Nos últimos anos, por motivos relacionados com a segurança e preservação do Parque Natural da Arrábida e as proibições de realização de fogos nos meses quentes de verão, deixaram de se realizar espetáculos com fogo de artifício na Festa das Vindimas.
O Sagrado impera
sobre o Profano
Em 1968, Álvaro Cardoso nota o seguinte: “Fala-se do arraial, discute-se o arraial, se é maior ou mais pequeno, prepara-se o melhor possível o cortejo, faz-se um esforço para que o fogo seja deslumbrante, mas … o principal, a nosso ver, bem entendido, continua como no 1.° ano das Festas (…). Esse fulcro, essa razão de ser, é … a Pisa da Uva (…) onde vamos agradecer a Deus a colheita que nos proporciona e, ao mesmo tempo, pedir-lhe a Sua proteção para as nossas vinhas, que são a principal riqueza dos nossos campos…
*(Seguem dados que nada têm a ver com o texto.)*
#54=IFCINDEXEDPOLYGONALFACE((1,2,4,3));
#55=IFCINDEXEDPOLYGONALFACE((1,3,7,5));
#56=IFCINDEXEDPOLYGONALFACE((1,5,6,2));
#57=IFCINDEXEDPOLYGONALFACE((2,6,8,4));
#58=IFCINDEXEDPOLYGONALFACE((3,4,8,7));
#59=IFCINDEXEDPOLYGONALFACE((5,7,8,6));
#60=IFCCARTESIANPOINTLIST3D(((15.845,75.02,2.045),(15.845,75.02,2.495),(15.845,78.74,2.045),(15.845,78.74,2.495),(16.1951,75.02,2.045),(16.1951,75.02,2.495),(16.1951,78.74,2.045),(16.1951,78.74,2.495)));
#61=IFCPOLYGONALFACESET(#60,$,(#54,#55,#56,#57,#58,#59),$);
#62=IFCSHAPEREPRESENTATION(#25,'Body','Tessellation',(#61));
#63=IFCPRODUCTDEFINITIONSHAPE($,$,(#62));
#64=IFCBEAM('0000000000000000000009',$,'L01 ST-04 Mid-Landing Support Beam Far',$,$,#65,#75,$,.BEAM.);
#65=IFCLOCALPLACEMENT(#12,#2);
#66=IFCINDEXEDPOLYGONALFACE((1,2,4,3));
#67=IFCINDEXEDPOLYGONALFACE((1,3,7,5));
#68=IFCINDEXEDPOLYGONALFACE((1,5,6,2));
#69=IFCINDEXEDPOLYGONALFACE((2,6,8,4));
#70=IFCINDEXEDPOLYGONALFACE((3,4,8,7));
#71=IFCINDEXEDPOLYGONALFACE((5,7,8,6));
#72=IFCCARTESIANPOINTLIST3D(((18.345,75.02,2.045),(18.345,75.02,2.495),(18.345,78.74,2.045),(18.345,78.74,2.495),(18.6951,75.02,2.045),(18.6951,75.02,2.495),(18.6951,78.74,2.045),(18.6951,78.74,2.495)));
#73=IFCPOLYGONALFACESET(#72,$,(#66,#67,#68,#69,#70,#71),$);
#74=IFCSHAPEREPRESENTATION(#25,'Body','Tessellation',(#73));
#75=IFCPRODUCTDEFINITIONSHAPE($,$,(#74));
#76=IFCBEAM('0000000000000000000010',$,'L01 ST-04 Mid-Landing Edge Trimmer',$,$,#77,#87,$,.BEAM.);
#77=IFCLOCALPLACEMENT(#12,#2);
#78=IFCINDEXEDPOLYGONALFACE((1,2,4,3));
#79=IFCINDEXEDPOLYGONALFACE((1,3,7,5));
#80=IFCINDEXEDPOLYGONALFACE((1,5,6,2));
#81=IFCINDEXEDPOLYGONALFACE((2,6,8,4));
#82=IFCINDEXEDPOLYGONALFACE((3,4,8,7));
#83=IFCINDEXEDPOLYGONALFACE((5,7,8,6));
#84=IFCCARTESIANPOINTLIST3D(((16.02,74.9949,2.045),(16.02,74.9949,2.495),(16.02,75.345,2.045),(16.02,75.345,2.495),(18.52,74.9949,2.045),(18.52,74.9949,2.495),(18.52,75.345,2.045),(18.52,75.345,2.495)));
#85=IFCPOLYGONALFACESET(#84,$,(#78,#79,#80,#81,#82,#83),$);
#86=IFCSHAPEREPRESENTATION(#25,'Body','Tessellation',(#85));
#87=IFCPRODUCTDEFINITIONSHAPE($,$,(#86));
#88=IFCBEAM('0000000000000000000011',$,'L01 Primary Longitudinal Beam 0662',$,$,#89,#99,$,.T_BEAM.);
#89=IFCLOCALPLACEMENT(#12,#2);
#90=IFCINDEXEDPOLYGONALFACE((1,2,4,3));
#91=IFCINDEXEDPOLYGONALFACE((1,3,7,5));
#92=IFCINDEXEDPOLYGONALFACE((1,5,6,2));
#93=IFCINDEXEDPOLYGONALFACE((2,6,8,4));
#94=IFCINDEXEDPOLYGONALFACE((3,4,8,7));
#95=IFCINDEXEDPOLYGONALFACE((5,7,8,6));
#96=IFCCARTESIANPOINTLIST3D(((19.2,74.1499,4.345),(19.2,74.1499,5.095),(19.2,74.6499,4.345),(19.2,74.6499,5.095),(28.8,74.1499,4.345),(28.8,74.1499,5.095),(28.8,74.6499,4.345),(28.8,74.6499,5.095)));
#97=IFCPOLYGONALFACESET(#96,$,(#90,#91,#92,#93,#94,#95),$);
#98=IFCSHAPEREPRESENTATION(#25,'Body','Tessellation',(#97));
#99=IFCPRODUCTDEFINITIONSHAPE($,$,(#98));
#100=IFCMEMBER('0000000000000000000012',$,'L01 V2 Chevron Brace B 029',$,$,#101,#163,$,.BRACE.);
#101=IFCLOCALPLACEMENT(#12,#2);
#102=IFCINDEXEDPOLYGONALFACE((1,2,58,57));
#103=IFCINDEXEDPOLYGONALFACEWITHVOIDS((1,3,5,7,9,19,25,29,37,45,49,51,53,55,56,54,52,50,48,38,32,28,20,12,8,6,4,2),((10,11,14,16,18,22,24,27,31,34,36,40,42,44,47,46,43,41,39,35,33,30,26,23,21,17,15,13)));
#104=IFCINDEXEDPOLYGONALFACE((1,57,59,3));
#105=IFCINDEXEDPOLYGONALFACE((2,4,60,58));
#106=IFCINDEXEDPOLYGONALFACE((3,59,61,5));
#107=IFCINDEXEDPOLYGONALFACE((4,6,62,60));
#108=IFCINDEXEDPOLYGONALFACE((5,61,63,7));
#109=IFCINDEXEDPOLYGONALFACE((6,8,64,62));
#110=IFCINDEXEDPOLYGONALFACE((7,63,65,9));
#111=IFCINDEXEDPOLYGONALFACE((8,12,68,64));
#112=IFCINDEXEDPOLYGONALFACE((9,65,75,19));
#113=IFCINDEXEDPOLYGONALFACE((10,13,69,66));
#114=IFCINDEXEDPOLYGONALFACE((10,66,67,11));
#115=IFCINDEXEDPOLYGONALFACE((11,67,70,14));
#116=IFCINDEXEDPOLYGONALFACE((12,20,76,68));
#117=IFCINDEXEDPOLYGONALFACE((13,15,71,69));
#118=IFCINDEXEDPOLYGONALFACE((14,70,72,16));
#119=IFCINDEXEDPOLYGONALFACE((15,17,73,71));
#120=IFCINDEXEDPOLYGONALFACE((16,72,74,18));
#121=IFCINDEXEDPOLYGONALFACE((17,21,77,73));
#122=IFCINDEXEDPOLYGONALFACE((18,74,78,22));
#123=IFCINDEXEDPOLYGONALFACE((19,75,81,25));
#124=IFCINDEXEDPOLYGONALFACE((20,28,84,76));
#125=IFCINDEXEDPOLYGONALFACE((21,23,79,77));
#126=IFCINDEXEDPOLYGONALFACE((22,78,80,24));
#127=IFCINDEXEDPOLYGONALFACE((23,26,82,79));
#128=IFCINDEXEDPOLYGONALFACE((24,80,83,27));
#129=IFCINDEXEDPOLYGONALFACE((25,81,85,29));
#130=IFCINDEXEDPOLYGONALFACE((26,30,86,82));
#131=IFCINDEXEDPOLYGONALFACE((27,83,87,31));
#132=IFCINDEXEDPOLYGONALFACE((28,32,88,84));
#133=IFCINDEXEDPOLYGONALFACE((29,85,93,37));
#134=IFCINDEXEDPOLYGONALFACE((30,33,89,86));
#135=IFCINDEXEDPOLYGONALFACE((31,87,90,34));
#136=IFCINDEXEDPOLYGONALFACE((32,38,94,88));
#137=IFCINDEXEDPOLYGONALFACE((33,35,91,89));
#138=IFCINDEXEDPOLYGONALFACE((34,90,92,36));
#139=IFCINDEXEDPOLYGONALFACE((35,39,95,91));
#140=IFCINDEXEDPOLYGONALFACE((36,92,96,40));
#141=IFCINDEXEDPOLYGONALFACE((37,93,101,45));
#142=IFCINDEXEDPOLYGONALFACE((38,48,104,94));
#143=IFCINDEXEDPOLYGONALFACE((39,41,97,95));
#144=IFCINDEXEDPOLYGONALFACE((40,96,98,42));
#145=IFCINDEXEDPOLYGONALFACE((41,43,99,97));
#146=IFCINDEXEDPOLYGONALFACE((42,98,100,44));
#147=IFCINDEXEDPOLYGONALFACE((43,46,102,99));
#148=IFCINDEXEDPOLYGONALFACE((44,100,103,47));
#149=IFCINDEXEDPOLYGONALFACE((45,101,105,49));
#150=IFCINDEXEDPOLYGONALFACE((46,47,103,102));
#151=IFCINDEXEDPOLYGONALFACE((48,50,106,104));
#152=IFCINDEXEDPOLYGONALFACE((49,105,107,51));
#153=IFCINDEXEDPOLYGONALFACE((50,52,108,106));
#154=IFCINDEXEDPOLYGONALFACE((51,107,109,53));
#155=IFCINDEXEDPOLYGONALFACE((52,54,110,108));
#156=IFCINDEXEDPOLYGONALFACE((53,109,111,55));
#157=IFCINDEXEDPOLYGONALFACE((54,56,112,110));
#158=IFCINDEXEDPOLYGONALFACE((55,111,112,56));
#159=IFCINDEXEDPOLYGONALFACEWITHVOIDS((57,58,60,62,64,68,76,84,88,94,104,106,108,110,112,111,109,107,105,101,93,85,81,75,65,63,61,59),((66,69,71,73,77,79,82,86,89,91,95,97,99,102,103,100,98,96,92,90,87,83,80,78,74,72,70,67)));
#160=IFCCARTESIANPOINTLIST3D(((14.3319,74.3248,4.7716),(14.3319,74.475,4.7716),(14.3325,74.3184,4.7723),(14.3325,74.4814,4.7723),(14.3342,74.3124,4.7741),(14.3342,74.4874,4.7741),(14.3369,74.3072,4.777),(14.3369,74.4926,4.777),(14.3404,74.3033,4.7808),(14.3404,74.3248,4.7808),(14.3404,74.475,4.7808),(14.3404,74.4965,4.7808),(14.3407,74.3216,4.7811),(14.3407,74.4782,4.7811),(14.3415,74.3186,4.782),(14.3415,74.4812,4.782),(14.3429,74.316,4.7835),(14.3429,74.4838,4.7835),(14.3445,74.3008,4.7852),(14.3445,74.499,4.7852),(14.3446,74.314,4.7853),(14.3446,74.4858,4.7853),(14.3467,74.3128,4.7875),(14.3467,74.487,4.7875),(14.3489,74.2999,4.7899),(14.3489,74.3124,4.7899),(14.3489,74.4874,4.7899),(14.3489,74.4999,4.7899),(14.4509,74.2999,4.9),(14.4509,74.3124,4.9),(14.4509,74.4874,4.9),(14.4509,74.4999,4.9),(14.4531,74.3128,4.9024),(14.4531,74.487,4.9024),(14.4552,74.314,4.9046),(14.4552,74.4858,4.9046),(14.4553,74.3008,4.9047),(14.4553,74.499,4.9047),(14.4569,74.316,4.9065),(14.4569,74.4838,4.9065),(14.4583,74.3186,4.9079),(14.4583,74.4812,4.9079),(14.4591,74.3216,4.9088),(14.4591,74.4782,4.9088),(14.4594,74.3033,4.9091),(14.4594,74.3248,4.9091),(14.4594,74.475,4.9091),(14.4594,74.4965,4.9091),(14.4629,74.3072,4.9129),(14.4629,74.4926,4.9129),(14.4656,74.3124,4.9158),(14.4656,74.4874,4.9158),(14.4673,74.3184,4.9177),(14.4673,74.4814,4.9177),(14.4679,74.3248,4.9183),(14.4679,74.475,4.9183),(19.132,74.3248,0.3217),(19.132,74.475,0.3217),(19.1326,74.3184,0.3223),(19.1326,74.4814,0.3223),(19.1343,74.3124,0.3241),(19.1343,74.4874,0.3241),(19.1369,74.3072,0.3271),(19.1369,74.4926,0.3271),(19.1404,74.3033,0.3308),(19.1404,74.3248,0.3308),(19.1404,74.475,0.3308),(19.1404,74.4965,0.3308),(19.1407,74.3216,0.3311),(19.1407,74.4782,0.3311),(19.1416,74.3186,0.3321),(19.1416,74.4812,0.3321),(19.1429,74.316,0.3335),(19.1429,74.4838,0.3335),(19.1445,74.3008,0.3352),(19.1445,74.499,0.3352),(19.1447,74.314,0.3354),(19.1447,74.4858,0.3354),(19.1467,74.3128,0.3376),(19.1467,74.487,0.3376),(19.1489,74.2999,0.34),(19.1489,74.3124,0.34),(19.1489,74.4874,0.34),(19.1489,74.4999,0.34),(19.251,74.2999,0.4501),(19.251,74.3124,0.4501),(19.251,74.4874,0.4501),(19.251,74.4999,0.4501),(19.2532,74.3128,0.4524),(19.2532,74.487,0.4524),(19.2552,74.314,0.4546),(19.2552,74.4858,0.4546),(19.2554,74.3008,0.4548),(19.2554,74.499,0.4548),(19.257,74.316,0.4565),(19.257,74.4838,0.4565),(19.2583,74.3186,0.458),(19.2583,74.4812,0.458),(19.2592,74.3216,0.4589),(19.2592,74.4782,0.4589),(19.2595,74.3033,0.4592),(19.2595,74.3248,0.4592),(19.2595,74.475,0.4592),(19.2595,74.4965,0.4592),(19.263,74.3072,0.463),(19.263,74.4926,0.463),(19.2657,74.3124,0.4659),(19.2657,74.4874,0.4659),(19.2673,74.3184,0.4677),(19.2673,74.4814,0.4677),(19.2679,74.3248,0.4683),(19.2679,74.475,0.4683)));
Cinquenta anos passados e o momento mais importante, embora menos visível, continua a ser a Pisa e Bênção do Primeiro Mosto, prova de que o sagrado impera sobre o profano. E se, no Cortejo, os camponeses foram, há muito, substituídos por crianças, o restante ritual permanece fiel às suas origens.
O mosto, resultante dessa pisa, será então analisado, pelo Grão-Mestre da Ordem Enófila de Santiago. Álvaro Cardoso explica, nomeadamente que “o mosto é o sumo da uva, antes de fermentado (…), que daquelas uvas de várias qualidades, sairá o vinho (…). Entretanto, a ordem reúne- se, medem a densidade e a temperatura (…). Utilizam-se as tabelas e diz-se que, provavelmente, o vinho que sair daquele mosto lerá tantos graus e faz-se uma breve locução ao valor do vinho e às suas qualidades terapêuticas (…)”.
O mosto analisado é, então, colocado em pequenos barris que, segundo Álvaro Cardoso, “… ainda são os primeiros.” Esses barris são levados até a igreja, na celebração da missa, no momento do ofertório. Simbolicamente, são soltas pombas brancas no decurso desta cerimónia.
O vinho, resultante deste primeiro mosto, destina-se, tal como há 50 anos, às Paróquias do Concelho, para que esteja presente na celebração de todas as eucaristias e seja servido no momento da Comunhão.